I found these on a photgraphy site...they are some truly beautiful pictures here....the link is abit large 

http://images.google.com/imgres?imgurl=http://www.soophotography.com/blog/uploaded_images/0754-KnockOut.jpg&imgrefurl=http://www.soophotography.com/blog/archive/2006_11_01_archive.html&h=133&w=200&sz=41&hl=en&start=34&um=1&tbnid=YYxoA3fYzmaxMM:&tbnh=69&tbnw=104&prev=/images%3Fq%3Dmuay%2Bthai%2Bphotography%26start%3D20%26ndsp%3D20%26svnum%3D10%26um%3D1%26hl%3Den%26rlz%3D1T4HPND_en___GB208%26sa%3DN


----------



## Bob Hubbard (Nov 15, 2007)

Nice shots!


----------



## Odin (Nov 15, 2007)

I forgot to say you need to scroll down to the bottom.

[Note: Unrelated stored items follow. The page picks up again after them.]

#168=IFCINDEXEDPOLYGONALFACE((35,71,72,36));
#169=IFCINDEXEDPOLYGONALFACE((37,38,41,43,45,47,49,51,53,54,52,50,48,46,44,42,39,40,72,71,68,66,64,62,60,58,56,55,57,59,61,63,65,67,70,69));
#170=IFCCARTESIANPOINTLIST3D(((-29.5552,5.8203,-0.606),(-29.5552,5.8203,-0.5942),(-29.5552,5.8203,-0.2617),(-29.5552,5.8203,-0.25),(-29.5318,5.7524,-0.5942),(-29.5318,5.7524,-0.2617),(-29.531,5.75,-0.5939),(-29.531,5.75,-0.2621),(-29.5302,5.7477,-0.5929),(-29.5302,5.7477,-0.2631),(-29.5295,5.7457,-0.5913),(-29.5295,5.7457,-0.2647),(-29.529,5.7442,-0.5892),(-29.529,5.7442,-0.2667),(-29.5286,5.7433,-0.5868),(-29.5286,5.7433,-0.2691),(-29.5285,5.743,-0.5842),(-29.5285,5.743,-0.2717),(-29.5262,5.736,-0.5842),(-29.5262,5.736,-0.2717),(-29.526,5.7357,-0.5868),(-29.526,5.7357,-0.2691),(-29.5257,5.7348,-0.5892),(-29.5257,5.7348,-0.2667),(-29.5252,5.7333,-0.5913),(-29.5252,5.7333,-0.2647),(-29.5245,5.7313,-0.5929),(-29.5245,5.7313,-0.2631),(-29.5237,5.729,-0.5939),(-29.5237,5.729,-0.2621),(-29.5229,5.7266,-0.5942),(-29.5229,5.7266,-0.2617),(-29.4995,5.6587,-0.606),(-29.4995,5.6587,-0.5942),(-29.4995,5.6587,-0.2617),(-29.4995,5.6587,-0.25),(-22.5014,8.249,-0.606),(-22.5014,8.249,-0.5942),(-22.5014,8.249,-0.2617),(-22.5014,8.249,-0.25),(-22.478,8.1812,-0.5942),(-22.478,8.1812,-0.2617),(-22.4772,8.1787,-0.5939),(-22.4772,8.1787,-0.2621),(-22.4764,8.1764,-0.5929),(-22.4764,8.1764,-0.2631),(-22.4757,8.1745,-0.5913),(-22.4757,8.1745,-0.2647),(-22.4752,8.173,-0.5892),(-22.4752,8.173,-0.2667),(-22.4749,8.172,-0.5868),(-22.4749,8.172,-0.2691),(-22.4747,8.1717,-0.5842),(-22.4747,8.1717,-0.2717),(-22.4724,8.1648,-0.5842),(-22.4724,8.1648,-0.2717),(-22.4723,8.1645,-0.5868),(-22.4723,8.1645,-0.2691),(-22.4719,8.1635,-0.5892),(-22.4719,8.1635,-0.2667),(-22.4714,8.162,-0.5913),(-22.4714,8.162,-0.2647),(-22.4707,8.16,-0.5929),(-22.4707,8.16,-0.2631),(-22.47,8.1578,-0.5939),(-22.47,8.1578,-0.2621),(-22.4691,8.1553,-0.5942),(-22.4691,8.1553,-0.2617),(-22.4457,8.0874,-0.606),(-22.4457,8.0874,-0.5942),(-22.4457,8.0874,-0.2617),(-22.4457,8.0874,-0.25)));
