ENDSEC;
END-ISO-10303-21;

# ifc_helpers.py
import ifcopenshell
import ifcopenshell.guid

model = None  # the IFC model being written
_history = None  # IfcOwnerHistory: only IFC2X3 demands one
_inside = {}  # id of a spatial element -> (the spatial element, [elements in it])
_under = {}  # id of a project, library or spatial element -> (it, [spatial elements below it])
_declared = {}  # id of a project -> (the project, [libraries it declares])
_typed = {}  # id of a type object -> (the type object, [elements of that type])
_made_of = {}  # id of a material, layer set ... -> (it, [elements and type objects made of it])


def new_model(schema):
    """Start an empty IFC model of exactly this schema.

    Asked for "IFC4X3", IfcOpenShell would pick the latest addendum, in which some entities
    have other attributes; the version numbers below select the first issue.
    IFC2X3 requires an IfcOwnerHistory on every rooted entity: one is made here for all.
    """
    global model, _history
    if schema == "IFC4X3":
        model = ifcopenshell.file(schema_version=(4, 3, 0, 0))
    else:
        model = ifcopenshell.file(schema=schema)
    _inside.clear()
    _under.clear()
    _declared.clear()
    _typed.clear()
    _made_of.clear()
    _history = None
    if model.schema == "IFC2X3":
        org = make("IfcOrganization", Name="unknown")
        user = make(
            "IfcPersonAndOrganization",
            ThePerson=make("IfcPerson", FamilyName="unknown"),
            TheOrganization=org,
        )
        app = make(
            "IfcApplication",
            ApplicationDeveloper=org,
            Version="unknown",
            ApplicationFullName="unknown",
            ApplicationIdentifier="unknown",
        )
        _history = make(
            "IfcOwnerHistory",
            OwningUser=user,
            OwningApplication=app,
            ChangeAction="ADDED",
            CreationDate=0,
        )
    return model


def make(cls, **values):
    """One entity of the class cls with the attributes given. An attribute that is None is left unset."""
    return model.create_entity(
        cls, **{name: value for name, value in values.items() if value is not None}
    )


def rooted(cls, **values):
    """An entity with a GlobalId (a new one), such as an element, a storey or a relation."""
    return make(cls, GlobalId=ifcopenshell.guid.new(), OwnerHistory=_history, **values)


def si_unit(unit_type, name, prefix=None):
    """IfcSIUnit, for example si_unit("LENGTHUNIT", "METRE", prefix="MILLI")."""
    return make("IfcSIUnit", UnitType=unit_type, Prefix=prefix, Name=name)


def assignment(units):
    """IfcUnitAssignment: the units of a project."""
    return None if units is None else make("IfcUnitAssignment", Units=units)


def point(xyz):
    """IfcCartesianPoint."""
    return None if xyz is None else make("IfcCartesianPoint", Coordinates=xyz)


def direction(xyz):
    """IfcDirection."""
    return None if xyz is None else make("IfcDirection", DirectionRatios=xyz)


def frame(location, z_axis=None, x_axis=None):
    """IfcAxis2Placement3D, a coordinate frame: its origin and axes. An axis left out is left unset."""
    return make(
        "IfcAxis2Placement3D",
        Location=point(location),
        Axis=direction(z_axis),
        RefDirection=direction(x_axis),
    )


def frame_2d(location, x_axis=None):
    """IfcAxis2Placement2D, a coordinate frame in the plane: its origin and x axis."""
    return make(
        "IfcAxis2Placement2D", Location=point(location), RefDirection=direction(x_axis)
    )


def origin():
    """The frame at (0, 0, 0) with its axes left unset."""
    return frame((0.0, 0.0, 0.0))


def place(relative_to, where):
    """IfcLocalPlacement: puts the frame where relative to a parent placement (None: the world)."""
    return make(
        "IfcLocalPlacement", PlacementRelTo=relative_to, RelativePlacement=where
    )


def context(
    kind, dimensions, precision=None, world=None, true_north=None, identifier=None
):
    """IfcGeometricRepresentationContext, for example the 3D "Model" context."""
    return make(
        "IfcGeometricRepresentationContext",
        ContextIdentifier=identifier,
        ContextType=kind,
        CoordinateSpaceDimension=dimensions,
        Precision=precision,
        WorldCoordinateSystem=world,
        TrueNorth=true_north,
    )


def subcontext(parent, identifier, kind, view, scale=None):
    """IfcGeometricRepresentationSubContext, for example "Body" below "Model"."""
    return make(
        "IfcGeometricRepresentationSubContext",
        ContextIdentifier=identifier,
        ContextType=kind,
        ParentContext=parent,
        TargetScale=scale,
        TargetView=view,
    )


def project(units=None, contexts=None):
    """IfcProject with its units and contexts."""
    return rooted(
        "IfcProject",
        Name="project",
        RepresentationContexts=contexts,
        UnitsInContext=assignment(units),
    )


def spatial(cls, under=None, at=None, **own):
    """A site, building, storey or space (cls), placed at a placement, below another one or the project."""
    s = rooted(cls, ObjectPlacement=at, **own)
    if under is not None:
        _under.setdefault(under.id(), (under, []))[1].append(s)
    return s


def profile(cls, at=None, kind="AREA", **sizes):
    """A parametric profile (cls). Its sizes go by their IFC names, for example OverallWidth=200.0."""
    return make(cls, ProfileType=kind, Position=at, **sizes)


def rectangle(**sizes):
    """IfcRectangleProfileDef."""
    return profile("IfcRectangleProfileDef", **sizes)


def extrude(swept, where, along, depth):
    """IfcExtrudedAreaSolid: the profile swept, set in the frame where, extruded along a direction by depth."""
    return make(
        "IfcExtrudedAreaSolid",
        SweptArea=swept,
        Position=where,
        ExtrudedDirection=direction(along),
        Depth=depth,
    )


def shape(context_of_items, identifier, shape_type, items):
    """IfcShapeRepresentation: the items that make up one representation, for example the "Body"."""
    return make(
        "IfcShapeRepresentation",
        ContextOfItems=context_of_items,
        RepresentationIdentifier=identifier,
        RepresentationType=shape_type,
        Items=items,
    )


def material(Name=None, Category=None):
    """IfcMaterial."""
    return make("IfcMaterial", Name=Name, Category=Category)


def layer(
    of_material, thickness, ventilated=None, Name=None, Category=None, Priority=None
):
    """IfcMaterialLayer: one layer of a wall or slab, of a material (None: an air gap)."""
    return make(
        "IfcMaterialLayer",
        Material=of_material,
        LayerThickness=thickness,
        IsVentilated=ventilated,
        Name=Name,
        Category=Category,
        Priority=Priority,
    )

I thought you would like them Bob. ( :


----------



## mini_dez (Nov 16, 2007)

One of the guys from my gym photographs our shows too, you can see some of his shots here:
http://www.marktimmphotography.co.uk/gallery_98572.html


----------



## Odin (Nov 16, 2007)

there some very good pictures bro.


----------



## USP45CT (Nov 20, 2007)

Great looking pictures.


----------



## meth18au (Nov 21, 2007)

Awesome pictures mate.  Such a brutal, yet beautiful artform


----------



## zoso576 (Dec 16, 2007)

awww, dude, that first chick on that site is my ex gf....i'm trying to NOT think of her!  what are the odds of stumbling across her this way?! 
p.s. she's a rather huge whore


----------



## no_kata (Dec 16, 2007)

zoso576 said:


> awww, dude, that first chick on that site is my ex gf....i'm trying to NOT think of her!  what are the odds of stumbling across her this way?!
> p.s. she's a rather huge whore




That's brutal man, I'm sorry to hear that. When she wakes up I'll tell her you said hi


----------